Transcendental Wild Oats: A Chapter from an Unwritten Romance is a prose satire written by Louisa May Alcott, about her family's involvement with the Transcendentalist community Fruitlands in the early 1840s. The work was first published in a New York newspaper in 1873, and reprinted in 1874, 1876, and 1915 and after.

In her account, Alcott provides the real people involved with thin pseudonymous disguises. Her father Amos Bronson Alcott is "Abel Lamb", while his partner and community co-founder Charles Lane is "Timon Lion"; Abigail May Alcott, Louisa's mother and Bronson's wife, is "Sister Hope". Alcott depicts her father as dominated by his more forceful partner, and both men as feckless and impractical dreamers. The men of the community spend their time in pointless debates while Sister Hope works from dawn to dusk to maintain their existence.
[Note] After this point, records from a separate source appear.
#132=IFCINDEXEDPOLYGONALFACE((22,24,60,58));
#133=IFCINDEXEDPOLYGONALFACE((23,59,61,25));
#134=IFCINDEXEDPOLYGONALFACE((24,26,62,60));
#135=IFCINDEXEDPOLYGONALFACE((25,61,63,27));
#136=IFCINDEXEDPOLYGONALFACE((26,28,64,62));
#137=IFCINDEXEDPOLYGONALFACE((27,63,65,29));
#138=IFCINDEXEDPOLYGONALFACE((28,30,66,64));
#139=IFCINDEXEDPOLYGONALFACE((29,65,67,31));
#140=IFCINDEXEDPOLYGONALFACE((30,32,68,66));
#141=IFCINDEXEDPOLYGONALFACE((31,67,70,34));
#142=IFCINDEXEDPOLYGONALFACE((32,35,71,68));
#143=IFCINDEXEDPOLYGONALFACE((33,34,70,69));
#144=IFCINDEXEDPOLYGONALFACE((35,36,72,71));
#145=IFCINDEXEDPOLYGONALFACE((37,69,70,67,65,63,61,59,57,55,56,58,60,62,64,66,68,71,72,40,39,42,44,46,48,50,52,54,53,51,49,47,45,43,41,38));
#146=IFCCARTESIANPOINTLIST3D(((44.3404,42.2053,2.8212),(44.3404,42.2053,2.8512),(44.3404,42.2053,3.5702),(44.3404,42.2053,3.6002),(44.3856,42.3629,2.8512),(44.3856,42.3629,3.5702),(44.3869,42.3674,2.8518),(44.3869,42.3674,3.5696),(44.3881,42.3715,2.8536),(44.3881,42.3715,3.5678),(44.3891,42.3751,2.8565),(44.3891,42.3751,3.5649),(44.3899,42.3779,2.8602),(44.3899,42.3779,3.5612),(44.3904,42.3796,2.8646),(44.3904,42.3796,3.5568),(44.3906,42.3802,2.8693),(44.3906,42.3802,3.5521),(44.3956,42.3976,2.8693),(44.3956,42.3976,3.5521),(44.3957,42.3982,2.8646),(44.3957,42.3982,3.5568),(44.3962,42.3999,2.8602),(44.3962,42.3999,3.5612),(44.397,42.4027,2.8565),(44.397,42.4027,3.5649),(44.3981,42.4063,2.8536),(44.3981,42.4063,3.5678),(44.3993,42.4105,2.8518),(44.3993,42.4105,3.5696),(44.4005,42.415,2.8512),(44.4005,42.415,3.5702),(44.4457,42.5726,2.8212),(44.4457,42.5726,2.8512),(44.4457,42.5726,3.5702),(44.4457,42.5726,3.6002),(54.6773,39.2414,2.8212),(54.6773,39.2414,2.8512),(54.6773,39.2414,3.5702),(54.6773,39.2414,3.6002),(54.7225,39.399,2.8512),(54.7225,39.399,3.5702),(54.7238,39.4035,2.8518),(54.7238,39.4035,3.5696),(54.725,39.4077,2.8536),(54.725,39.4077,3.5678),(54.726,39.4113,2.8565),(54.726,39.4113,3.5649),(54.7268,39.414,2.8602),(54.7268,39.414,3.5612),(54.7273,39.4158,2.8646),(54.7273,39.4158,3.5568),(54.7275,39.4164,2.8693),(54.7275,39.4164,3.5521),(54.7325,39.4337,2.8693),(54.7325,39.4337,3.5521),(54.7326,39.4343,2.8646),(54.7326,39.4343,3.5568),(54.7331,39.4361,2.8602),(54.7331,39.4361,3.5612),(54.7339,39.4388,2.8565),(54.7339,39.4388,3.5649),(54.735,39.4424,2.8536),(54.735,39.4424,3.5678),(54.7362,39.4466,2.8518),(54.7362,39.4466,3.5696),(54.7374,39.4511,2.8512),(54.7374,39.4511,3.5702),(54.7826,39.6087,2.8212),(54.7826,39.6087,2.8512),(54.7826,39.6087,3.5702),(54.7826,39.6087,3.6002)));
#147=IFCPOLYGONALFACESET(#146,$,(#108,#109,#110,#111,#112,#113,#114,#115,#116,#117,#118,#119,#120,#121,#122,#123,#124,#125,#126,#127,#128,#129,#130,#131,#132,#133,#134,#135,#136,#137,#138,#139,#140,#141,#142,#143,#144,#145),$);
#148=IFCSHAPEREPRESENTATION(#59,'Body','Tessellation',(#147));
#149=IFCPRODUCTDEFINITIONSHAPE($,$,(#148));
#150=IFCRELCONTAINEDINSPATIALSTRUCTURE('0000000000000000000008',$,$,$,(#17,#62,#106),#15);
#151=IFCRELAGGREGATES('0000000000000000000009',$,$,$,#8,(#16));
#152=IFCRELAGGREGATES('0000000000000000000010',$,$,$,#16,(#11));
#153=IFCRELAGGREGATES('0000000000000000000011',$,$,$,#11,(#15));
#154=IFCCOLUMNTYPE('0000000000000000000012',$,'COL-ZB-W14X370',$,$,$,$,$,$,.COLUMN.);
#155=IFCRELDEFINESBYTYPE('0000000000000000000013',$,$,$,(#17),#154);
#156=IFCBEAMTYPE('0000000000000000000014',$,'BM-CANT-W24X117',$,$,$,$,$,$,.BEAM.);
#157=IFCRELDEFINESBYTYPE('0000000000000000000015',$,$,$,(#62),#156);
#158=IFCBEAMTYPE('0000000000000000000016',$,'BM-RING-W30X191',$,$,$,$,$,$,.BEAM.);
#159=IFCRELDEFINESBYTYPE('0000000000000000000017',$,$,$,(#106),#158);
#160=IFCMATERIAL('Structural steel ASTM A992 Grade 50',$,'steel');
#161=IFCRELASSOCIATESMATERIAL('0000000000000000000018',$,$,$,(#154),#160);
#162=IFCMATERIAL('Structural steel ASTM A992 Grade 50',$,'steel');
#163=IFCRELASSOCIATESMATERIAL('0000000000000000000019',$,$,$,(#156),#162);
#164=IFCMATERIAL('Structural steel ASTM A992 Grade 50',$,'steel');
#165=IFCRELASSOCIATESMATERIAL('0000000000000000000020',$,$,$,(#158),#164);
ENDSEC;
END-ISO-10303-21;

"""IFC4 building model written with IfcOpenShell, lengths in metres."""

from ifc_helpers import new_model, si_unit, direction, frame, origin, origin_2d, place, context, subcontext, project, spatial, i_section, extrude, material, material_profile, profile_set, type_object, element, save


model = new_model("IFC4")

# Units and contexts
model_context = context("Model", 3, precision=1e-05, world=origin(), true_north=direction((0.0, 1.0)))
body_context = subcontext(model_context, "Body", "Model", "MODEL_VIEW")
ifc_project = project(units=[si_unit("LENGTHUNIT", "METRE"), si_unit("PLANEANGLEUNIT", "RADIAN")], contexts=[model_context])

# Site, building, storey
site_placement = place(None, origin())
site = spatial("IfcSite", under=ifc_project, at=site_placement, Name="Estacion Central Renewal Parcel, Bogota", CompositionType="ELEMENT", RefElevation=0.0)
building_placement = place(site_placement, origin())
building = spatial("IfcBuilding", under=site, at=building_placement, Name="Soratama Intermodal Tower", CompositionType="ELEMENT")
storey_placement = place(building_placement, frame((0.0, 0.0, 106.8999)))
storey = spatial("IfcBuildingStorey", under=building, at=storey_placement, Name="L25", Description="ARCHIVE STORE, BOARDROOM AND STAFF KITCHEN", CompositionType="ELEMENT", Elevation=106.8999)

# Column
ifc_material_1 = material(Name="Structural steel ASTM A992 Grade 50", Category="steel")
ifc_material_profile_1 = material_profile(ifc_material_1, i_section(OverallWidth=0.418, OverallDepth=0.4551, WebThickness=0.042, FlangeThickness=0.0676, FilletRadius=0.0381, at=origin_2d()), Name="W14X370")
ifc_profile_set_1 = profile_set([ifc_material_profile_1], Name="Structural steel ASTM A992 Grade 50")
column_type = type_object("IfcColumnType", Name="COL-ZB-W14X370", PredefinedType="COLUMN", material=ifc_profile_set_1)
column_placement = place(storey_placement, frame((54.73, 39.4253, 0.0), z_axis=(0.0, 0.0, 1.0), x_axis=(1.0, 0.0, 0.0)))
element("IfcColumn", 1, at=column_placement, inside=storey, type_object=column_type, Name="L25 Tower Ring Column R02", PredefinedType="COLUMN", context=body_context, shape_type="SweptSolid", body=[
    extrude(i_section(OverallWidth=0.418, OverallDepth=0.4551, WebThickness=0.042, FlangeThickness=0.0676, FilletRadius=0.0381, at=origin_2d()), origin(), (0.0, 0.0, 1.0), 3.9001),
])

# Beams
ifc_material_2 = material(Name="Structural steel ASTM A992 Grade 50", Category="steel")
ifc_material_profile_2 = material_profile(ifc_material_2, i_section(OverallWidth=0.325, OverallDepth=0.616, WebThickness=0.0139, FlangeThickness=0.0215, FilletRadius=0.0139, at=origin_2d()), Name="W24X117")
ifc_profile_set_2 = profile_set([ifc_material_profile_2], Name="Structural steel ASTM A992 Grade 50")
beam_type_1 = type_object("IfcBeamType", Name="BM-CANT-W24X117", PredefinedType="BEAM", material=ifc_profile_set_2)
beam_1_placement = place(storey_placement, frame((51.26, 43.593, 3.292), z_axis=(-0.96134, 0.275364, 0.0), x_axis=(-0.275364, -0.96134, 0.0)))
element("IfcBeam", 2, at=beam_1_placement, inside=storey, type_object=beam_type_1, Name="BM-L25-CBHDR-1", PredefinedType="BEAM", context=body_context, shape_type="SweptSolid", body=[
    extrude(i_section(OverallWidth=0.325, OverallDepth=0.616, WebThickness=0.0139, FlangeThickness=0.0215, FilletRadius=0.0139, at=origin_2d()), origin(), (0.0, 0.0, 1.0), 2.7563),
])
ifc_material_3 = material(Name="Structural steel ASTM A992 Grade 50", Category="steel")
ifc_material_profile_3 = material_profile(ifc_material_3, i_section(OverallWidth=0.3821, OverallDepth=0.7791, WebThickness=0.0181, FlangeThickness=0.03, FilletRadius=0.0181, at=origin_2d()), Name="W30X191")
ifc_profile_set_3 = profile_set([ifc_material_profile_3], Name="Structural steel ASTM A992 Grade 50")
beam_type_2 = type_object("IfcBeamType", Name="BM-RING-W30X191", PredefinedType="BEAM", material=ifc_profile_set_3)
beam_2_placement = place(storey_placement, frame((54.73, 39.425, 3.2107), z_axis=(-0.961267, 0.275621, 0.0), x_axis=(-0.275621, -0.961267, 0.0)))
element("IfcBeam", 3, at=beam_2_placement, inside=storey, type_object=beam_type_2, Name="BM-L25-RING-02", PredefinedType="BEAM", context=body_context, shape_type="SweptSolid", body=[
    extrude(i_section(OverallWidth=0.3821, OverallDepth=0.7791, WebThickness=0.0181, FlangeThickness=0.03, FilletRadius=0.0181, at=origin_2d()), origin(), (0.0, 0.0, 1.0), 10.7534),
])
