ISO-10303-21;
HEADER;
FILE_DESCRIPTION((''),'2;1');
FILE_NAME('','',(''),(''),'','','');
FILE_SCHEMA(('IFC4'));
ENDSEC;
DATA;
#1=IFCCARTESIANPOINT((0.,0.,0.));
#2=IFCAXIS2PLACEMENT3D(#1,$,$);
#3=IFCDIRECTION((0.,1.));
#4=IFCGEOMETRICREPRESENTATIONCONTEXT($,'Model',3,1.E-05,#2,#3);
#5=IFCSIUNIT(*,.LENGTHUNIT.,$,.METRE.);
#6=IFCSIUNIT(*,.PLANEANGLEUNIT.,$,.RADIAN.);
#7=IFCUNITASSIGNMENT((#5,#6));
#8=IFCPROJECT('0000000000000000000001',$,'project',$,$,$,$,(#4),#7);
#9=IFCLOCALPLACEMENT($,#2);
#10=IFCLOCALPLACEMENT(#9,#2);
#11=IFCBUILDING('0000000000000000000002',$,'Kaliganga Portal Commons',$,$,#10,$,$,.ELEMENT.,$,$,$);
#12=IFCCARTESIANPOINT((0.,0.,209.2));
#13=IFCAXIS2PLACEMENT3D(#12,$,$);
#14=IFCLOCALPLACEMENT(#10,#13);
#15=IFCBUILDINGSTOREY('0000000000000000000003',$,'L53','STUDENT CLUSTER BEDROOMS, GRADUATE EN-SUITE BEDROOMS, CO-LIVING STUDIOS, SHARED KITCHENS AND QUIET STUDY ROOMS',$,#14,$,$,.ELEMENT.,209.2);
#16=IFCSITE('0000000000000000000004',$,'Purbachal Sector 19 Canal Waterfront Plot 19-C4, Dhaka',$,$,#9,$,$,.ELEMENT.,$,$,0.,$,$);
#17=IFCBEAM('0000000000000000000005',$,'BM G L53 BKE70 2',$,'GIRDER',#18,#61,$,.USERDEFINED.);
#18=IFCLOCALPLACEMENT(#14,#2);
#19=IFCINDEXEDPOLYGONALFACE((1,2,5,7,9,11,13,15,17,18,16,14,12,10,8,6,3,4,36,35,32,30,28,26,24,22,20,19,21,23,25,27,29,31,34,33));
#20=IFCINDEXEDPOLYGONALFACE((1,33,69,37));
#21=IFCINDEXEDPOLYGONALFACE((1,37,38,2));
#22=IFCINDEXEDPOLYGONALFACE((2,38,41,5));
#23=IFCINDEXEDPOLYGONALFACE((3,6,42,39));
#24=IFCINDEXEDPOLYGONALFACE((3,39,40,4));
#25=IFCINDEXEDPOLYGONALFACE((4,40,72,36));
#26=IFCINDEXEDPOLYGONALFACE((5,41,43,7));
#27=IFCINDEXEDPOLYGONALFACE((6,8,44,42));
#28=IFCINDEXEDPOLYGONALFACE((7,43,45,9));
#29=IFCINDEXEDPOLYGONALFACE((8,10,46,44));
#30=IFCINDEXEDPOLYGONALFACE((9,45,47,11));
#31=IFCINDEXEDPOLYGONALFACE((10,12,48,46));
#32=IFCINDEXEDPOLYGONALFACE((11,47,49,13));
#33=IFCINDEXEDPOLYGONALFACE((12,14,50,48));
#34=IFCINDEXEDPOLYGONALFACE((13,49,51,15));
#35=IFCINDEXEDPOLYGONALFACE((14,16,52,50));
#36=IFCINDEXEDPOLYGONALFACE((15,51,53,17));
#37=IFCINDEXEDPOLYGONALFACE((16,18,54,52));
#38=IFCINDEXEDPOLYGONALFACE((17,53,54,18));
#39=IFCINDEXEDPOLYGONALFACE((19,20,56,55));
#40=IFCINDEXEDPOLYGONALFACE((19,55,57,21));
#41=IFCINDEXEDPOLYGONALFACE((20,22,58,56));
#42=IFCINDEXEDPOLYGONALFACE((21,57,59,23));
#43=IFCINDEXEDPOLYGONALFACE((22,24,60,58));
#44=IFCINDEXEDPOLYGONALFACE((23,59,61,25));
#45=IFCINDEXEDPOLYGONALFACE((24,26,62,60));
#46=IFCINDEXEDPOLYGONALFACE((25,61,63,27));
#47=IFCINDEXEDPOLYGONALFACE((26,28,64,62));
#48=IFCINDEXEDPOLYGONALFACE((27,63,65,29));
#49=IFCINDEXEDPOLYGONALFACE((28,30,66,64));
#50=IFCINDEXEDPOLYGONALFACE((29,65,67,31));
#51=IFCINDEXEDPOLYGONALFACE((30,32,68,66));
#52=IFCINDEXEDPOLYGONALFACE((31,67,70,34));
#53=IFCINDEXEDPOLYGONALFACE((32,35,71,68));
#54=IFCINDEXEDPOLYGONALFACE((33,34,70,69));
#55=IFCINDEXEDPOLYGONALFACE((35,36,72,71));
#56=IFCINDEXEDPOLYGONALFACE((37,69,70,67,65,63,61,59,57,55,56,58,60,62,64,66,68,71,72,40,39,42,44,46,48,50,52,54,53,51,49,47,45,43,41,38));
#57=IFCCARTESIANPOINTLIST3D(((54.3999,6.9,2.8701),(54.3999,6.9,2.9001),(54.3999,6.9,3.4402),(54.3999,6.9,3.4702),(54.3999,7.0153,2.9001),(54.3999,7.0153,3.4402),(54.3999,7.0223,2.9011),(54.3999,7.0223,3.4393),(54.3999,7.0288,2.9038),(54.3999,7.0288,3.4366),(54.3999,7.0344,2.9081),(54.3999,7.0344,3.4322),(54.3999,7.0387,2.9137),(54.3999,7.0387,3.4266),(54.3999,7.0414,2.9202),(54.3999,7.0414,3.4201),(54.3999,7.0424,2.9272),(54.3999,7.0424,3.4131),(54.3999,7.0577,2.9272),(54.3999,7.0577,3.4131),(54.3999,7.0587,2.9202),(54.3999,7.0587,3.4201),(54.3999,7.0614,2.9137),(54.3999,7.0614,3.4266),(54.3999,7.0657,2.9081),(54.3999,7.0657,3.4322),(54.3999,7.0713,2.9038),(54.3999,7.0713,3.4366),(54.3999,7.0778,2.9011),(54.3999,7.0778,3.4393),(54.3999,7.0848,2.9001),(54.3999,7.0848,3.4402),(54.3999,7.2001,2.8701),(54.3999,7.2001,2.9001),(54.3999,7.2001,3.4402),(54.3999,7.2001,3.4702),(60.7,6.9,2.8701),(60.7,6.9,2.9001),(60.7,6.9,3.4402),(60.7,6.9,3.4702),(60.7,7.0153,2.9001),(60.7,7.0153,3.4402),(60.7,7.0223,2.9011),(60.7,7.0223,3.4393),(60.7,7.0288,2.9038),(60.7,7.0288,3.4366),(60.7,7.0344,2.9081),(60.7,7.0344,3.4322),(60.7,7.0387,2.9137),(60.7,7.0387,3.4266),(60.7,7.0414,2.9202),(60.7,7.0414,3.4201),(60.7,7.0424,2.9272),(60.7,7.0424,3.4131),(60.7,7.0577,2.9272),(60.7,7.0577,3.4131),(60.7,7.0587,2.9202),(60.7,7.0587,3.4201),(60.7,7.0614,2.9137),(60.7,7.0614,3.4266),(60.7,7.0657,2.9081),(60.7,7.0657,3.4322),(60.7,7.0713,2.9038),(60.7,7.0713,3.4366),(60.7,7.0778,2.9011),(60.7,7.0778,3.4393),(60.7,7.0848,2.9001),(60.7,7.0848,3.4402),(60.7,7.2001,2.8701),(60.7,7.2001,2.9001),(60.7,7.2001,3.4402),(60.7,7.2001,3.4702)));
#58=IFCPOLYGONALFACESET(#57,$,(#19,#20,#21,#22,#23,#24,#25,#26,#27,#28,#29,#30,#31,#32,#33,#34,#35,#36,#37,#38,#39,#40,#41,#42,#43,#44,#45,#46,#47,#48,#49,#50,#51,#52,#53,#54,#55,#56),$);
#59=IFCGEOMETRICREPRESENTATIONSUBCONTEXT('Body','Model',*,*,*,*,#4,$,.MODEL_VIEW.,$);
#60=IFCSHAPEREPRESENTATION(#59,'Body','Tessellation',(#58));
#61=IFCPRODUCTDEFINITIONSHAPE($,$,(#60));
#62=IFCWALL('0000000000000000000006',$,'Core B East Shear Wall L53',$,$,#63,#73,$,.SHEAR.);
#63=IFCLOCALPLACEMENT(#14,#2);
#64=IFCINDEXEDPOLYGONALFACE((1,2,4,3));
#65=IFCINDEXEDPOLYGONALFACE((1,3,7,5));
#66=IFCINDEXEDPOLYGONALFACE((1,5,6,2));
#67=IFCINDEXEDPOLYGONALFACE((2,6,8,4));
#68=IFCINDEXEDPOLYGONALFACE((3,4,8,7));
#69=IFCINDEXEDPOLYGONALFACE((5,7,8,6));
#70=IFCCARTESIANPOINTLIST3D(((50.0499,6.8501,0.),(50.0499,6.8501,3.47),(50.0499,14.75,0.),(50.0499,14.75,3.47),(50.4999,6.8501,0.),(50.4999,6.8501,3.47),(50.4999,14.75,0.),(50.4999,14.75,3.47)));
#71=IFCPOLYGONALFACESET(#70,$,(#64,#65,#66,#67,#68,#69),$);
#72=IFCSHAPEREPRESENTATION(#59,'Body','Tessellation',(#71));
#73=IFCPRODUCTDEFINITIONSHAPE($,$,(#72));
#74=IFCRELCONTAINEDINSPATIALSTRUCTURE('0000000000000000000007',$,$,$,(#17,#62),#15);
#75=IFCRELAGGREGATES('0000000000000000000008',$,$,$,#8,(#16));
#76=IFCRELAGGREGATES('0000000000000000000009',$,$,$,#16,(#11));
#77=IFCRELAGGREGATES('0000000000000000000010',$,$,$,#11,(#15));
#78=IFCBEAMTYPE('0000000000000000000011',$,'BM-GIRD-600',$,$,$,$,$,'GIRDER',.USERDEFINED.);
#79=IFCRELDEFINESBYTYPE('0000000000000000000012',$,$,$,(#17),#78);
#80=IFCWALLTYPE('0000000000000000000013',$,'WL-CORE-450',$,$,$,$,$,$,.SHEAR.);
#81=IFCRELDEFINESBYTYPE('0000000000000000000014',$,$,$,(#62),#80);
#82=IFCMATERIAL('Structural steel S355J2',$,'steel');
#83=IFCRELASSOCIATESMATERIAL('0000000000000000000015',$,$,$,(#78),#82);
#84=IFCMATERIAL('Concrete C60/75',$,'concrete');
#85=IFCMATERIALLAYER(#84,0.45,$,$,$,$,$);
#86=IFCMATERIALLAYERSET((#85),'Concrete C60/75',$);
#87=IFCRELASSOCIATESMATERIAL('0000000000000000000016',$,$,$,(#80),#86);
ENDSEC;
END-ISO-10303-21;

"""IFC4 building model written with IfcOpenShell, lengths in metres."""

from ifc_helpers import new_model, si_unit, direction, frame, frame_2d, origin, origin_2d, place, context, subcontext, project, spatial, rectangle, i_section, extrude, source, transform, mapped, material, layer, layer_set, material_profile, profile_set, type_object, element, save


model = new_model("IFC4")

# Units and contexts
model_context = context("Model", 3, precision=1e-05, world=origin(), true_north=direction((0.0, 1.0)))
body_context = subcontext(model_context, "Body", "Model", "MODEL_VIEW")
ifc_project = project(units=[si_unit("LENGTHUNIT", "METRE"), si_unit("PLANEANGLEUNIT", "RADIAN")], contexts=[model_context])

# Site, building, storey
site_placement = place(None, origin())
site = spatial("IfcSite", under=ifc_project, at=site_placement, Name="Purbachal Sector 19 Canal Waterfront Plot 19-C4, Dhaka", CompositionType="ELEMENT", RefElevation=0.0)
building_placement = place(site_placement, origin())
building = spatial("IfcBuilding", under=site, at=building_placement, Name="Kaliganga Portal Commons", CompositionType="ELEMENT")
storey_placement = place(building_placement, frame((0.0, 0.0, 209.2)))
storey = spatial("IfcBuildingStorey", under=building, at=storey_placement, Name="L53", Description="STUDENT CLUSTER BEDROOMS, GRADUATE EN-SUITE BEDROOMS, CO-LIVING STUDIOS, SHARED KITCHENS AND QUIET STUDY ROOMS", CompositionType="ELEMENT", Elevation=209.2)

# Shared definitions
ifc_material_1 = material(Name="Structural steel S355J2", Category="steel")

# Beam
ifc_material_profile_1 = material_profile(ifc_material_1, i_section(OverallWidth=0.3, OverallDepth=0.6001, WebThickness=0.0154, FlangeThickness=0.03, FilletRadius=0.0271, at=origin_2d()), Name="HE 600 B")
ifc_profile_set_1 = profile_set([ifc_material_profile_1], Name="Structural steel S355J2 wide-flange")
beam_type_1 = type_object("IfcBeamType", Name="BM-GIRD-600", ElementType="GIRDER", PredefinedType="USERDEFINED", material=ifc_profile_set_1)
shared_shape_1 = source(origin(), body_context, "Body", "SweptSolid", [
    extrude(i_section(OverallWidth=0.3, OverallDepth=0.6001, WebThickness=0.0154, FlangeThickness=0.03, FilletRadius=0.0271, at=origin_2d()), origin(), (0.0, 0.0, 1.0), 6.3),
])
beam_1_placement = place(storey_placement, frame((54.3999, 7.05, 3.1702), z_axis=(1.0, 0.0, 0.0), x_axis=(0.0, 1.0, 0.0)))
element("IfcBeam", 1, at=beam_1_placement, inside=storey, type_object=beam_type_1, Name="BM G L53 BKE70 2", ObjectType="GIRDER", PredefinedType="USERDEFINED", context=body_context, shape_type="MappedRepresentation", body=[
    mapped(shared_shape_1, transform((0.0, 0.0, 0.0), x_axis=(1.0, 0.0, 0.0), y_axis=(0.0, 1.0, 0.0), z_axis=(0.0, 0.0, 1.0), scale=1.0)),
])

# Wall
ifc_material_2 = material(Name="Concrete C60/75", Category="concrete")
ifc_layer_1 = layer(ifc_material_2, 0.45)
ifc_layer_set_1 = layer_set([ifc_layer_1], Name="Concrete C60/75")
wall_type_1 = type_object("IfcWallType", Name="WL-CORE-450", PredefinedType="SHEAR", material=ifc_layer_set_1)
wall_1_placement = place(storey_placement, frame((50.2749, 6.8501, 0.0), z_axis=(0.0, 0.0, 1.0), x_axis=(0.0, 1.0, 0.0)))
element("IfcWall", 2, at=wall_1_placement, inside=storey, type_object=wall_type_1, Name="Core B East Shear Wall L53", PredefinedType="SHEAR", context=body_context, shape_type="SweptSolid", body=[
    extrude(rectangle(XDim=7.8999, YDim=0.45, at=frame_2d((3.95, 0.0))), origin(), (0.0, 0.0, 1.0), 3.47),
])

save(model, "model.ifc")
A crisis arises at harvest time, when the grain crop is threatened by an approaching storm. In Alcott's words, "About the time the grain was ready to house, some call of the Oversoul wafted all the men away." Sister Hope organizes the only available help, three little girls and a boy, and manages to save the crop.

The little community collapses as soon as the weather turns cold, when it becomes clear that their provisions are too meager to last the coming winter. Timon Lion and his son abscond to join the Shakers—though Timon is unhappy to learn that life among them is "all work and no play." Abel is crushed by the failure of the enterprise; after days of despair he begins to eat again only when he realizes that his family needs him. Sister Hope finds a way for them to subsist and persevere.

Alcott's view of male arrogance and female exploitation in this piece is paralleled in her novel Work, published in the same year as Transcendental Wild Oats.

Transcendental Wild Oats has been reprinted in several modern editions.

An hour long radio adaptation was broadcast on BBC Radio 4 in February 2026, starring Louisa Harland and Alistair Petrie.